Mischa moved closer to me. “Does it hurt?” She locked me in her gaze. My nose was telling me that she was nervous and excited.
“The first time it does.” I gave her a half smile, tilting my head to the side. “It’s like the magic has to learn how the cells change, the way we will be different in wolf form. The first shift takes a while and you’ll probably pray for death.”
“Jess, come on,” Jonathon groaned. “Stop scaring her. I’ll help you,” he said to Mischa.
“But after that, when your wolf calls, or when you need her, you’ll be able to shift without effort or thought.” And with those words I stripped naked. Bringing up my wolf energy, I let it wash over me. Dropping to all fours, the power was visible as it coated my naked skin, then I shifted. It wasn’t instant, but within two beats of my heart I was a silky black wolf.
The world changed. My senses were stronger; my brain morphed into that place of instinct. I hadn’t noticed before, but there’d definitely been some recent sex going on in this spot. Two shifters and a vamp if I was correct. I sneezed a few times to rid myself of the scent.
I realized three sets of eyes were locked on me. Mischa took a step away when I approached. My lips curled up at the thought of chasing her. I liked chasing.
Jonathon placed a hand on Mischa. “Don’t back away. Wolves like to stalk and chase weaker prey.”
“Does she know who I am?” she asked him.
“You don’t lose the person to become the wolf. We are one and the same. She knows you.”
I was sick of this now. I needed to run. It felt good to be wolf, to forget about my worries for a little while. I spun around and took off into the forest, leaving all thoughts of the others behind.
Chapter 6
I ran for a long time before returning to Stratford. I’d passed others in the wolf-pack, but I’d stayed solo for this journey. It was almost lunchtime and I’d more than burned off breakfast. As I shifted to human form, my worries flooded back in.
I was at the front of my house. I wanted to wear my own clothes for once. We lived in a double-level bungalow-style residence, two blocks from the Compass boys. I loved my home. It was all wood and slate inside, everything very earthy and natural.
Climbing the stairs I pushed open the door to my room. Stepping inside I was so consumed with my thoughts I never noticed or scented that I wasn’t alone. Not until the shadow zoomed across the room and to my side.
I shrieked. “Braxton, what the frick? Are you trying to give me a heart attack?”
His head was sweeping awfully close to the ceiling as he stared at me, his eyes firmly locked on my face, which was good considering I was butt naked. I quickly grabbed underwear and clothes, slipped into my bathroom and slammed the door in his face.

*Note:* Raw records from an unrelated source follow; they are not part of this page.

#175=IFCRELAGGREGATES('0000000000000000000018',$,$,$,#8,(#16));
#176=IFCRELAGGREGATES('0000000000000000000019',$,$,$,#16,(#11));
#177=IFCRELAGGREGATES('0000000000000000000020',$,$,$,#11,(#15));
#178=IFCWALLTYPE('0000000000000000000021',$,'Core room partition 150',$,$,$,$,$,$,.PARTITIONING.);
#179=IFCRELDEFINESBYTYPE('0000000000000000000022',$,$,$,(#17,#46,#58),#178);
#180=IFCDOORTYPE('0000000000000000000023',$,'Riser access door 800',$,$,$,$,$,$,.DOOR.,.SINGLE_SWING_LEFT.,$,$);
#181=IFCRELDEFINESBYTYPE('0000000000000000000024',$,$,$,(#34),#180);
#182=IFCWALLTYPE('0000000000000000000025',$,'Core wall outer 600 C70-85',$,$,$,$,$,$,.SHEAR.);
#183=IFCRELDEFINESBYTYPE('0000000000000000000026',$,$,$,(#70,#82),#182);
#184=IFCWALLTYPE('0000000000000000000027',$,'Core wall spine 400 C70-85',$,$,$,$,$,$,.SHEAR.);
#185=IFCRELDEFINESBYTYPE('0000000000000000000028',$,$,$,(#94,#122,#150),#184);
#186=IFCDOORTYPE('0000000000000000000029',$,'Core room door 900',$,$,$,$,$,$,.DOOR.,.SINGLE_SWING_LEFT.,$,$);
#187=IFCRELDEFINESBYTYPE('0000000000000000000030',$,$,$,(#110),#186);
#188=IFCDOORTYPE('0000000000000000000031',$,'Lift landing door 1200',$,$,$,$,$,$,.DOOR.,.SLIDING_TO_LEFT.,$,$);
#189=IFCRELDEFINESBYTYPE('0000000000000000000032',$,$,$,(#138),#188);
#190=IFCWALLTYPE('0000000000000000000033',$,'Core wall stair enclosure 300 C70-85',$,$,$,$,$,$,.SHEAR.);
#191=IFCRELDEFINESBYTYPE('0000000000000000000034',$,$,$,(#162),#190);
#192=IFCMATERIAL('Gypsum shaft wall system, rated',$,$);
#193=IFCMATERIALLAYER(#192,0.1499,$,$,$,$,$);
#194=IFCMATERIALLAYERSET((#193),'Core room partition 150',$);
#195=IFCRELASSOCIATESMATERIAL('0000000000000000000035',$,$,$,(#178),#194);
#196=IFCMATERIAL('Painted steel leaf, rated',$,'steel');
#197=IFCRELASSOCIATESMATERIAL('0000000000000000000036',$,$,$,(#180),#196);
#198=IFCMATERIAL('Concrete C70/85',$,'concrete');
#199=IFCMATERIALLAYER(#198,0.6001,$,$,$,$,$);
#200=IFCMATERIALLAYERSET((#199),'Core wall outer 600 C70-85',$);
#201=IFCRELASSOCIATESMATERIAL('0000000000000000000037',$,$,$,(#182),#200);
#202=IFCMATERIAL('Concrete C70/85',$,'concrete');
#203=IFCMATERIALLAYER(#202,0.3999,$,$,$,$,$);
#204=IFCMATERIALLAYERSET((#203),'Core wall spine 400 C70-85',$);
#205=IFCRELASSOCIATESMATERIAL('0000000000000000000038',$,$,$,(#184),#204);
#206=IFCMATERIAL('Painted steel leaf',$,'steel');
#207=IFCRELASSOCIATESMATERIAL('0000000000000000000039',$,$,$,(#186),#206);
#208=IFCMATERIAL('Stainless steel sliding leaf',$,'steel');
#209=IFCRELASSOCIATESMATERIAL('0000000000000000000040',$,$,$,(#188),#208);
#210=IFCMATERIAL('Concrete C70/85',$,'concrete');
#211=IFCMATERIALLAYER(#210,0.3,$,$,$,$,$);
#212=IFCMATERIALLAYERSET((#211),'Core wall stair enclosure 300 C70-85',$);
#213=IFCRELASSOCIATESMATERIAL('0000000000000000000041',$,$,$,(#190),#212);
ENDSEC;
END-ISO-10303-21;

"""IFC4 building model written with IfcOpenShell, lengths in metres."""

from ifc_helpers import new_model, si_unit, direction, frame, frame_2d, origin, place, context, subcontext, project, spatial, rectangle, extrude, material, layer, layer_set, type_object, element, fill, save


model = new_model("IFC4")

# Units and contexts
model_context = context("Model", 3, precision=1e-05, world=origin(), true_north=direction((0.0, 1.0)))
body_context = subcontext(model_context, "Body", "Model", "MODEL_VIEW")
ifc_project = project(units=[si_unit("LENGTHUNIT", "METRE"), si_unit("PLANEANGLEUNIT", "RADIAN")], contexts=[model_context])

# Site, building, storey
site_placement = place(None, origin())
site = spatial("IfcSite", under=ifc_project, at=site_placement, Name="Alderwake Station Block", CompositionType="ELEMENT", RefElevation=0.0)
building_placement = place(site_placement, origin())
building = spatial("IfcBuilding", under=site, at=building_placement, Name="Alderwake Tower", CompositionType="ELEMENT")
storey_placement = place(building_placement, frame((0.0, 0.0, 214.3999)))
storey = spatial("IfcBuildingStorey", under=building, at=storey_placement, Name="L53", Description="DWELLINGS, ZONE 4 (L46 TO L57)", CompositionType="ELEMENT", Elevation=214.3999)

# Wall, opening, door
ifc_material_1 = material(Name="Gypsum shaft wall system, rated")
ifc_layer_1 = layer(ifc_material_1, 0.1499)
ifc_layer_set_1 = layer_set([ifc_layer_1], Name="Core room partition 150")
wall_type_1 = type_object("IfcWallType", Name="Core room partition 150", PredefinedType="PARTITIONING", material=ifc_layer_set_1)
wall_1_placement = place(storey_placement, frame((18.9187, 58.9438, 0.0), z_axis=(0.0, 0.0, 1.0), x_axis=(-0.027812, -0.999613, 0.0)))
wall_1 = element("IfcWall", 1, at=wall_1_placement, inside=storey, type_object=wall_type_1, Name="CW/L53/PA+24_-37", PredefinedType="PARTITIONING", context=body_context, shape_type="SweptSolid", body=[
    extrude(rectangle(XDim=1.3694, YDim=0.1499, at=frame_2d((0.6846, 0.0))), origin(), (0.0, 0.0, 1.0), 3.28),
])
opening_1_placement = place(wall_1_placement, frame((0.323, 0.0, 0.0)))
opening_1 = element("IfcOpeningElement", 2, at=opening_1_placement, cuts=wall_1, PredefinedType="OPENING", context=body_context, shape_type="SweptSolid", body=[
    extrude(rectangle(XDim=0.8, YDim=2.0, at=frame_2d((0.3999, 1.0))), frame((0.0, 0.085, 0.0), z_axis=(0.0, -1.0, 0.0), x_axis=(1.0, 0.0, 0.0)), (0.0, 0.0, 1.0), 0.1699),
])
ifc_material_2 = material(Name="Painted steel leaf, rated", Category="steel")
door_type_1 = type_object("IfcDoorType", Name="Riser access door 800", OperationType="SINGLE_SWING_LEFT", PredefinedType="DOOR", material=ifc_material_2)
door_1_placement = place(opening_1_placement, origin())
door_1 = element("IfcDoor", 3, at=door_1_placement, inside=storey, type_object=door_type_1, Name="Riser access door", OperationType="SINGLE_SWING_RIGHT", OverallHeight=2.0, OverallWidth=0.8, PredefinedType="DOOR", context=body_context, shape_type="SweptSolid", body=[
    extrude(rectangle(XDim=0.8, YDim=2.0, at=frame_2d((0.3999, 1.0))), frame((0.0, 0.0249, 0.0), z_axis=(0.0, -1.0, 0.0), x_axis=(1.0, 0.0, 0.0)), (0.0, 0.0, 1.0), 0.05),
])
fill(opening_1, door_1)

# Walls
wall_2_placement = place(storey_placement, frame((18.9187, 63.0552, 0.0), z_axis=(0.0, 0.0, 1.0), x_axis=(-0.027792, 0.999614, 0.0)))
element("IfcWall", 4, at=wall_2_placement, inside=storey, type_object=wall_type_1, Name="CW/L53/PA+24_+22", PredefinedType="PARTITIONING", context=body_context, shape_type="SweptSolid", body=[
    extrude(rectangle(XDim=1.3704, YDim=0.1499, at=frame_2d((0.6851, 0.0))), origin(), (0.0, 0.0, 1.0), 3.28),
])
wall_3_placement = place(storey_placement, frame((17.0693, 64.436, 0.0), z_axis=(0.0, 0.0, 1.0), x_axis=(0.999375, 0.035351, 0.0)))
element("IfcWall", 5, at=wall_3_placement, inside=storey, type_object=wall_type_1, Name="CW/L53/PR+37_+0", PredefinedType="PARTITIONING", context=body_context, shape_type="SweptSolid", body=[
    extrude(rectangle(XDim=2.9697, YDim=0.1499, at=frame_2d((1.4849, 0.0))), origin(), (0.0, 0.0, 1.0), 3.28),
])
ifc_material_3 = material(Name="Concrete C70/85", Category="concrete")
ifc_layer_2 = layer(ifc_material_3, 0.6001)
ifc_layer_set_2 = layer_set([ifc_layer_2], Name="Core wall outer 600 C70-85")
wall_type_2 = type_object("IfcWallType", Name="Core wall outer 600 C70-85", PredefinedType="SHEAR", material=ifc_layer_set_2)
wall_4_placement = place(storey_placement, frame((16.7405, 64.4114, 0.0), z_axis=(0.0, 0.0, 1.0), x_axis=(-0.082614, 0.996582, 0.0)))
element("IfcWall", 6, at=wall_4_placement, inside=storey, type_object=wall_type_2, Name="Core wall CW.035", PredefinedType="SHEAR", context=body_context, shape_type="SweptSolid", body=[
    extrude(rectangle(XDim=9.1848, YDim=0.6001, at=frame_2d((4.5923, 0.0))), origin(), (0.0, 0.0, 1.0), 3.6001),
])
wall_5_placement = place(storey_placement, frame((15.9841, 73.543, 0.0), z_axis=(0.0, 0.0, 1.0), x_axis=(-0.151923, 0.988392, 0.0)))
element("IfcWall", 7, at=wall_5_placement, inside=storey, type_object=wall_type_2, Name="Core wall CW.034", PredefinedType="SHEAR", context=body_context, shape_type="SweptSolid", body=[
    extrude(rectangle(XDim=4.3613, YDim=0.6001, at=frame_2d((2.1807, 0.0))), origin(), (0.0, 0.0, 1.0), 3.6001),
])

“Can’t a girl get some privacy?” I grumbled, knowing he’d hear me.
“I’ve been worried about you, Jess.” I could tell by the muffle of his voice that he was resting his head against the door. “You disappeared with your parents hours ago to hear this bad news and … well, let’s just say I was worried.”
How could anyone as caring as Braxton be meant to take innocent children and slaughter them? I could not believe that. Stupid dragon mark, stupid hunters. I examined myself in the mirror, wondering where the hell this mark was hidden. My body looked the same, but now I felt as if I didn’t know myself. As if there was something hidden on and under my skin.
“Jess?” His husky tone washed over me and I shook off the melancholy and dressed quickly.
As I opened the door he pretty much fell in on me. He must have had all his weight leaning on the poor frame. He steadied himself – thankfully, because I’d probably have died if he’d actually landed on me – and reaching out gripped a big hand around each of my biceps.
“What the hell happened, Jess? You’re as pale as anything and I can feel your sorrow.”
I shook my head and pulled myself free. “Please don’t. If you’re nice to me I’ll cry and I don’t want to cry.”
“I’m always nice to you,” he said, bunching his eyebrows together. Then he smiled, flashing both dimples at me.
For a moment he looked like a little boy, the same little boy who’d been with me my entire life. So beautiful and innocent he’d been as a child, and now he was beautiful and hard. All man. But still my Braxton.
I attempted to smile. “Come on, I’m starving.”
For once I actually wasn’t hungry but I needed to do something normal.
“Can you tell me anything?” he asked, as we walked toward the dining hall. I should have known he wouldn’t leave it alone.